Par Joël Onana
Selon les informations recueillies, les faits se sont produits mercredi dernier à la décharge située en face du lycée bilingue du Génie militaire de Douala. Un camion en provenance de Sic Cacao y a été dirigé vers la zone réservée aux déchets non dangereux, son conducteur ayant indiqué qu’il transportait du sable.
Au moment du déchargement, un vent a dispersé une fine poudre qui s’est immédiatement répandue sur plusieurs employés présents sur le site, dont Christian Mbiock. Les travailleurs ont subi de graves brûlures provoquées par cette substance, dont la nature exacte reste à déterminer.
Les victimes ont d’abord été évacuées vers l’hôpital de la Cité des Palmiers avant d’être transférées à l’hôpital général de Douala. Christian Mbiock est décédé deux jours plus tard des suites de ses blessures. Une autre victime a également succombé, tandis que les deux survivants poursuivent leur prise en charge en soins intensifs.
Cette affaire soulève de nombreuses interrogations sur la nature réelle du produit transporté et sur les conditions dans lesquelles il a été déclaré. La SECA, filiale de Hysacam spécialisée dans le traitement des déchets industriels, n’a pas souhaité s’exprimer publiquement sur le dossier. D’après les informations rapportées, l’entreprise évoque de simples « peaux de cacao réduites en cendre » provenant de Sic Cacao.
La famille de Christian Mbiock affirme, de son côté, n’avoir obtenu aucune explication satisfaisante. Elle indique avoir elle-même informé la SECA du décès du jeune homme. L’entreprise aurait ensuite pris en charge les frais d’hospitalisation sans en informer les proches, tout en évitant tout échange direct avec la famille.
Les proches dénoncent également des pressions visant à organiser rapidement les obsèques sans qu’une autopsie ne soit pratiquée.

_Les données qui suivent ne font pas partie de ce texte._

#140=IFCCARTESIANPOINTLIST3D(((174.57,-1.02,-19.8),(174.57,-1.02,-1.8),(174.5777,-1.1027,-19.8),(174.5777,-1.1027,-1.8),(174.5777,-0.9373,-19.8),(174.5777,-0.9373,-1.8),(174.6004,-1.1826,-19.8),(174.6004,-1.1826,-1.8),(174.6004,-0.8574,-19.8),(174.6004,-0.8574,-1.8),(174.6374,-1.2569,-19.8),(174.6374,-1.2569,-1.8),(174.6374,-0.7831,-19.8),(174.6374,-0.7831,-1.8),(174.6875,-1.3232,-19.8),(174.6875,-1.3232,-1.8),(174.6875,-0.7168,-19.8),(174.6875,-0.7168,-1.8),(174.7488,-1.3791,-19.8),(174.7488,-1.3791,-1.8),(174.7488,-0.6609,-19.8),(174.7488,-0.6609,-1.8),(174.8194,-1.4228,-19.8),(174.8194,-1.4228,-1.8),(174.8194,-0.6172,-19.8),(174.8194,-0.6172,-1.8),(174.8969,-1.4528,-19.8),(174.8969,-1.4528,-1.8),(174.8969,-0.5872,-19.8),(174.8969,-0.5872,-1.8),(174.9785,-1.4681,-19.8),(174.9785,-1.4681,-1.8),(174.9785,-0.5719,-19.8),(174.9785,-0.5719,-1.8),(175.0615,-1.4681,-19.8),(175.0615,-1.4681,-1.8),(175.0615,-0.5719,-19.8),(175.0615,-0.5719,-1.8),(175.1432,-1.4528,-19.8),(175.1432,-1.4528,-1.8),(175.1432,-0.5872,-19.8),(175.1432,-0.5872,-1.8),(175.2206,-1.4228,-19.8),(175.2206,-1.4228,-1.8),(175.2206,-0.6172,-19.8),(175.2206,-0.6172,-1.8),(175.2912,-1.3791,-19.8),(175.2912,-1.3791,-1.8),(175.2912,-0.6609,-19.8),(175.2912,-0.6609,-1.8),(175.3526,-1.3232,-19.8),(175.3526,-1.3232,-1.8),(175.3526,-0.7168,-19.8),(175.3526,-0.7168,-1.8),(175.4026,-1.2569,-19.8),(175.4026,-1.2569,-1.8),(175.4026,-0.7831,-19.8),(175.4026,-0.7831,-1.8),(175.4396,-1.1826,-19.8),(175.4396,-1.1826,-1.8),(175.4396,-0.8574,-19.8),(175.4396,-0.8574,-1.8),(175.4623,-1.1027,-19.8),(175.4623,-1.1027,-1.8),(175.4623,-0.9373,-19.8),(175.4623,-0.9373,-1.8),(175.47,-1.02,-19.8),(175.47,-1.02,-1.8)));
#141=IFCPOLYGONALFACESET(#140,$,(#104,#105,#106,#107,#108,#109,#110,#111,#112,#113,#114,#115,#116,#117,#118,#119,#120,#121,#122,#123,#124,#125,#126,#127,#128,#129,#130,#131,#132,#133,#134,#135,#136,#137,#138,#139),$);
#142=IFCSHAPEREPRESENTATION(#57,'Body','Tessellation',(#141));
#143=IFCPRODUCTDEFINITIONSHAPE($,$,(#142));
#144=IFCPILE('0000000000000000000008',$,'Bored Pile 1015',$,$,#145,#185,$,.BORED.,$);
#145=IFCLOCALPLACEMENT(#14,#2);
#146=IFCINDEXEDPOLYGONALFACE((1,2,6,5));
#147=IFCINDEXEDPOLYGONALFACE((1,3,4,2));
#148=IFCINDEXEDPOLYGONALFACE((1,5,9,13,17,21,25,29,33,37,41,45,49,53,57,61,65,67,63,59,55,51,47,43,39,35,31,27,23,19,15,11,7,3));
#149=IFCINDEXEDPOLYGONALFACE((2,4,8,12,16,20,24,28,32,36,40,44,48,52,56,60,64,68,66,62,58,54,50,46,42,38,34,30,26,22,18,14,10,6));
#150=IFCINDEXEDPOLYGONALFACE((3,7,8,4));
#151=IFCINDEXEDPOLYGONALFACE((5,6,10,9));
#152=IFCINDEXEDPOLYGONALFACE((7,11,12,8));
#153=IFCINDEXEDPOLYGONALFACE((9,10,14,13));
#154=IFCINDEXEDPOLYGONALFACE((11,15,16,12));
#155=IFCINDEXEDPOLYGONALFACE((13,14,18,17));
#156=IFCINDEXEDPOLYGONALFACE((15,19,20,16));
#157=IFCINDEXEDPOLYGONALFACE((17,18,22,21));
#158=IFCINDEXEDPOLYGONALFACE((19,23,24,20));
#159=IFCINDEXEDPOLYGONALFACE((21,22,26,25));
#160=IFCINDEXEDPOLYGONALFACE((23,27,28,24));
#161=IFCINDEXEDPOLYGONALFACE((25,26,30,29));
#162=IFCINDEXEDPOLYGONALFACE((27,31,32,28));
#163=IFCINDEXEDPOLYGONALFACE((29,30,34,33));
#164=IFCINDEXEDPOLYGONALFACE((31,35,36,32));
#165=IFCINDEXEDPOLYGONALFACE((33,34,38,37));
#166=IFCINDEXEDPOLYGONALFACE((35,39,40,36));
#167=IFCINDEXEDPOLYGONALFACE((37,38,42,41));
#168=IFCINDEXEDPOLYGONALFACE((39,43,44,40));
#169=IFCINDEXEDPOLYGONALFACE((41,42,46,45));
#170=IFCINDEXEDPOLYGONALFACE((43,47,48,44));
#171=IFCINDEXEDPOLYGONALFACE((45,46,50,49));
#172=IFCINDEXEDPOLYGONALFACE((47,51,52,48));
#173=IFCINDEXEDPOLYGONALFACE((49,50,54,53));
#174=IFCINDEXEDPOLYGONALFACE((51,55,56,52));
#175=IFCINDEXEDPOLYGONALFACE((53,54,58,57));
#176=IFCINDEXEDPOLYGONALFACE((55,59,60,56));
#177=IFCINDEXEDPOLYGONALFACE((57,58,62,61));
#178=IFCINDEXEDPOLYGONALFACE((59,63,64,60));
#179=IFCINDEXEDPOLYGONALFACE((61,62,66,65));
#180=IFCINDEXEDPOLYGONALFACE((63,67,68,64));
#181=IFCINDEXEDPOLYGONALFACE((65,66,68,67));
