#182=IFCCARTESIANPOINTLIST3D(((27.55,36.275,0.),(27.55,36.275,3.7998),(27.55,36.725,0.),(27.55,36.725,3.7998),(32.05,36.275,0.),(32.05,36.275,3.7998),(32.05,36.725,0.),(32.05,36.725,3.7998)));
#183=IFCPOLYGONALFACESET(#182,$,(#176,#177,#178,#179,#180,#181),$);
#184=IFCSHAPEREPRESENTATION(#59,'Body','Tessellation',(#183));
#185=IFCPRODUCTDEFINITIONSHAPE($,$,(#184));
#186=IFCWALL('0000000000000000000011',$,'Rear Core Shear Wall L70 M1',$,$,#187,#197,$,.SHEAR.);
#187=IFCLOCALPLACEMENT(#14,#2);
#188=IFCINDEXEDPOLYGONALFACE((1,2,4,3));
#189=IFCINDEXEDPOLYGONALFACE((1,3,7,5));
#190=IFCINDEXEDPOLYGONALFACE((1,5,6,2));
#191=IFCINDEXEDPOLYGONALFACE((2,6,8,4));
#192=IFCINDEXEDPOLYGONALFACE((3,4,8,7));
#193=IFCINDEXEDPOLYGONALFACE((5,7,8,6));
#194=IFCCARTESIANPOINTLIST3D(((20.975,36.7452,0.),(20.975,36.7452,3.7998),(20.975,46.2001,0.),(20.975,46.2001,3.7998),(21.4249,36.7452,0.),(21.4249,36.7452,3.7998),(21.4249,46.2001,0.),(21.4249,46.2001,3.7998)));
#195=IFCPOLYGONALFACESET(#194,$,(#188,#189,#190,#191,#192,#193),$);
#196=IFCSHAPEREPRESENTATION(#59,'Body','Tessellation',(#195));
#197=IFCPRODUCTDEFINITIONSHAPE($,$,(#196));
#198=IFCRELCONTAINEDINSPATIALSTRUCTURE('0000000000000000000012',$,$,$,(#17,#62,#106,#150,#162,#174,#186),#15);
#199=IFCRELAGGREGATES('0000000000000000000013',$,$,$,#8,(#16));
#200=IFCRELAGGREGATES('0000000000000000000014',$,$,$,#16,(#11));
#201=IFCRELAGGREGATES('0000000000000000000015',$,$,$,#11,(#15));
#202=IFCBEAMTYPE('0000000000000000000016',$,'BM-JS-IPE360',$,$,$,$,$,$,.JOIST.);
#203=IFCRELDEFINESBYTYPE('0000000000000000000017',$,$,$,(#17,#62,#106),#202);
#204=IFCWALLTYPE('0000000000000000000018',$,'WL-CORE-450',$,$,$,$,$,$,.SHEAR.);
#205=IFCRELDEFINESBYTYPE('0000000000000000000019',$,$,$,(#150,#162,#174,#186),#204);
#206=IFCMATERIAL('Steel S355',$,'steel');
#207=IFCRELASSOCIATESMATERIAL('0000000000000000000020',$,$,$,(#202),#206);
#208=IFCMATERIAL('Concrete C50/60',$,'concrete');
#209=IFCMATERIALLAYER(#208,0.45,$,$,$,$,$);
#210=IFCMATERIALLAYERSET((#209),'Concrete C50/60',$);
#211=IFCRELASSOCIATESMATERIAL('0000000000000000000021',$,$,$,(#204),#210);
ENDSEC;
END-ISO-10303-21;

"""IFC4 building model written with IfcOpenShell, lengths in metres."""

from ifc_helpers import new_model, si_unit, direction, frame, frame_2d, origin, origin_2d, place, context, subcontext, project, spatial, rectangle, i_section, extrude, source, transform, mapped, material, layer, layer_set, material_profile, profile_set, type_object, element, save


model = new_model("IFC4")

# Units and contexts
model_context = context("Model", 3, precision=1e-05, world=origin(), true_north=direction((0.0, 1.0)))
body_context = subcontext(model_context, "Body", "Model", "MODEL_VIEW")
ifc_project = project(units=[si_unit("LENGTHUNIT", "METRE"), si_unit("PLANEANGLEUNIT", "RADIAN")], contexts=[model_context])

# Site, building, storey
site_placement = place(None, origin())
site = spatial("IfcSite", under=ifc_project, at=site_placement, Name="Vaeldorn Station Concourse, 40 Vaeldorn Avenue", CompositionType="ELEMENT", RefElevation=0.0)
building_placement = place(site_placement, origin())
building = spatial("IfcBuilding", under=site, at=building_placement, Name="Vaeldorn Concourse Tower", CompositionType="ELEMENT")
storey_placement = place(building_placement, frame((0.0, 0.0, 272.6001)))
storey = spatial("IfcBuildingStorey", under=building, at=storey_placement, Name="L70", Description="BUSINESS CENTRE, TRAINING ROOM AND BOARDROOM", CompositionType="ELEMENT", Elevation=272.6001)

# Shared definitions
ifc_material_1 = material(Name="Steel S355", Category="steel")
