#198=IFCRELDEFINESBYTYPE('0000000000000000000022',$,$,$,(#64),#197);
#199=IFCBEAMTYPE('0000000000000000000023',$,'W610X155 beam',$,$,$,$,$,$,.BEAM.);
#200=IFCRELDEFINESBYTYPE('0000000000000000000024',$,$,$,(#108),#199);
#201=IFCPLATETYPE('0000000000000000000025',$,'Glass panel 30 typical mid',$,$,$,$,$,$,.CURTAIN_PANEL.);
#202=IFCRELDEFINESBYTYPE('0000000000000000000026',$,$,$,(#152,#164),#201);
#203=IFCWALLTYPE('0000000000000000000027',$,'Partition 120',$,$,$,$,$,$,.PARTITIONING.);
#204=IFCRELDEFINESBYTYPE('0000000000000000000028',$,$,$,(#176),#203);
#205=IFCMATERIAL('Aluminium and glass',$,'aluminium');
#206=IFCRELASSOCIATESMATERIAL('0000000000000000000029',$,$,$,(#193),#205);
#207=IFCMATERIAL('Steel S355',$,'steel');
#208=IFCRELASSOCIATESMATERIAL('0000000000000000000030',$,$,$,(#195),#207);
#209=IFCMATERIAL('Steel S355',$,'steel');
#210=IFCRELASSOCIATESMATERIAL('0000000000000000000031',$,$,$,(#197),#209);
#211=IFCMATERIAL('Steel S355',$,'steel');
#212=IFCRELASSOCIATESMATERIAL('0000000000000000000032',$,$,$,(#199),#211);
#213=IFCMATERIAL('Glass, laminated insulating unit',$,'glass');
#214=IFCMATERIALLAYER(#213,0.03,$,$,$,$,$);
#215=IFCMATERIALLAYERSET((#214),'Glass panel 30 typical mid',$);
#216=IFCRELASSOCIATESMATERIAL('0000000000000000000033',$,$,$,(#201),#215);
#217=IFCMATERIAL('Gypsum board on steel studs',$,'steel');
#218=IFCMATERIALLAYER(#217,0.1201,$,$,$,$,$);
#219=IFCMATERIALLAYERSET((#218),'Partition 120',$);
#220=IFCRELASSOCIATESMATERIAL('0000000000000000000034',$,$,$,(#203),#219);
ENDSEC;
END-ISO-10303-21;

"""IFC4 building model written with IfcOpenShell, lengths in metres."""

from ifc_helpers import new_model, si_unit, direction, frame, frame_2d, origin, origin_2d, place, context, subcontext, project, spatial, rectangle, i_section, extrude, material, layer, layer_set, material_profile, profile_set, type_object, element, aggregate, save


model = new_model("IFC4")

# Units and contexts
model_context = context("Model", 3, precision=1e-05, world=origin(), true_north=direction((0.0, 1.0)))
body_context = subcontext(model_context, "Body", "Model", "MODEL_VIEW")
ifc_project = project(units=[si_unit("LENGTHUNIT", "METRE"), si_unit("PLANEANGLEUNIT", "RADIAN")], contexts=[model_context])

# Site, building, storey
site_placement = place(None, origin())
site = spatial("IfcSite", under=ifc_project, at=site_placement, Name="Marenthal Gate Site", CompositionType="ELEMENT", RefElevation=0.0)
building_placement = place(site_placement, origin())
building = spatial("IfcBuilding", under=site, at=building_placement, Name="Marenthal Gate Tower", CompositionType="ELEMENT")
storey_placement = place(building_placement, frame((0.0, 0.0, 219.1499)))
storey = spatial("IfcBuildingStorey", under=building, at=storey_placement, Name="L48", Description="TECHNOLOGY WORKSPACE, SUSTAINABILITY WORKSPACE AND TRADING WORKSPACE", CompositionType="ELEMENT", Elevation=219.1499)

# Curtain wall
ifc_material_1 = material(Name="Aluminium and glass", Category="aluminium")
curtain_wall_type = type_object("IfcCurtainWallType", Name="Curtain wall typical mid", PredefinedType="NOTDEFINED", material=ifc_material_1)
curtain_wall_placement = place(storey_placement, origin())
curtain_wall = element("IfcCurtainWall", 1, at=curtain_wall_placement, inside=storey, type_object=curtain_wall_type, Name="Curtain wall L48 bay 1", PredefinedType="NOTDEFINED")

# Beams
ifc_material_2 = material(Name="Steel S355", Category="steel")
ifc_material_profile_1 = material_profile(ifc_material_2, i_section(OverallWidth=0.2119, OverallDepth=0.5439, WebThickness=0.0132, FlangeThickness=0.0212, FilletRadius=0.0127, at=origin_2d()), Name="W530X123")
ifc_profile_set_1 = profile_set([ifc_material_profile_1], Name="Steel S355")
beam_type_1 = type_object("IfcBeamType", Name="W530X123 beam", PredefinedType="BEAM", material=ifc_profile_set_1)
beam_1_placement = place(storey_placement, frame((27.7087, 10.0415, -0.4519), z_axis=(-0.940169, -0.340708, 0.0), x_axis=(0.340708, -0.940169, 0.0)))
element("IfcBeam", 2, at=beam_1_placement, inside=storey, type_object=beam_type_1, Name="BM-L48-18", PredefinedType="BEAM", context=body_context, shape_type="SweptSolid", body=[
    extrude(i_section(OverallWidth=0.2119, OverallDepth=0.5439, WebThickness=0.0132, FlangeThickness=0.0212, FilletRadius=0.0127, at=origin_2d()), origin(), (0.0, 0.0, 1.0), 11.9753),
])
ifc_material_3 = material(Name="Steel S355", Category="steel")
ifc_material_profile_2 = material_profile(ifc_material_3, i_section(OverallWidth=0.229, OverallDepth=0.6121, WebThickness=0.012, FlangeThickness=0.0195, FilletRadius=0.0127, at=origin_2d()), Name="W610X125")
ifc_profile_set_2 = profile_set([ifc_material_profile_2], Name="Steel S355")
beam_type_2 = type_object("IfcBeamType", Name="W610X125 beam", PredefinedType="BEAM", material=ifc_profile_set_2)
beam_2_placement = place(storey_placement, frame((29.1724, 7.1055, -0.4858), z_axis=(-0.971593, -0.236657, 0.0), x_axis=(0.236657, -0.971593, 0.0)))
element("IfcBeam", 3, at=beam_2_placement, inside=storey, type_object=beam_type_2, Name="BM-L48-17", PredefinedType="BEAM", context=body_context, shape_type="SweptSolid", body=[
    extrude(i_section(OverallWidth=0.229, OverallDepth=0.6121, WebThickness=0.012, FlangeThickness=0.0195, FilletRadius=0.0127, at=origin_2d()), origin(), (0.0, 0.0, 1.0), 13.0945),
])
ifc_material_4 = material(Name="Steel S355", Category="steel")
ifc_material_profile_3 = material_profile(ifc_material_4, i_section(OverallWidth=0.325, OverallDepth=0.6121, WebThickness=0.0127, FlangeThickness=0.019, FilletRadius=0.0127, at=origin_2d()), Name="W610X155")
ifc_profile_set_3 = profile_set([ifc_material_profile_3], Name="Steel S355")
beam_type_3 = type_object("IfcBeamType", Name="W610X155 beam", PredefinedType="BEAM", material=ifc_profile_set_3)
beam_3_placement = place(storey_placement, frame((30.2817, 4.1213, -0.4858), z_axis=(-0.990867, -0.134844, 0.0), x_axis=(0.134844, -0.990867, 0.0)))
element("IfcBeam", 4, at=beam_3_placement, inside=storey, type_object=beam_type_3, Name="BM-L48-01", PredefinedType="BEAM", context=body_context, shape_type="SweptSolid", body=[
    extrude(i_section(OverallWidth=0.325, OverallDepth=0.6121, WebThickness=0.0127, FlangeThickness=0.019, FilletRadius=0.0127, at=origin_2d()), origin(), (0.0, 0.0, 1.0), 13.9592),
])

Une proposition que la famille a rejetée, estimant que les circonstances du décès doivent être pleinement éclaircies avant toute inhumation.
Âgé de seulement 24 ans, Christian Mbiock était présenté comme le principal soutien financier de sa mère. Son décès plonge aujourd’hui sa famille dans une profonde détresse et renforce les appels à l’ouverture d’une enquête afin d’établir les responsabilités et de faire toute la lumière sur ce drame industriel.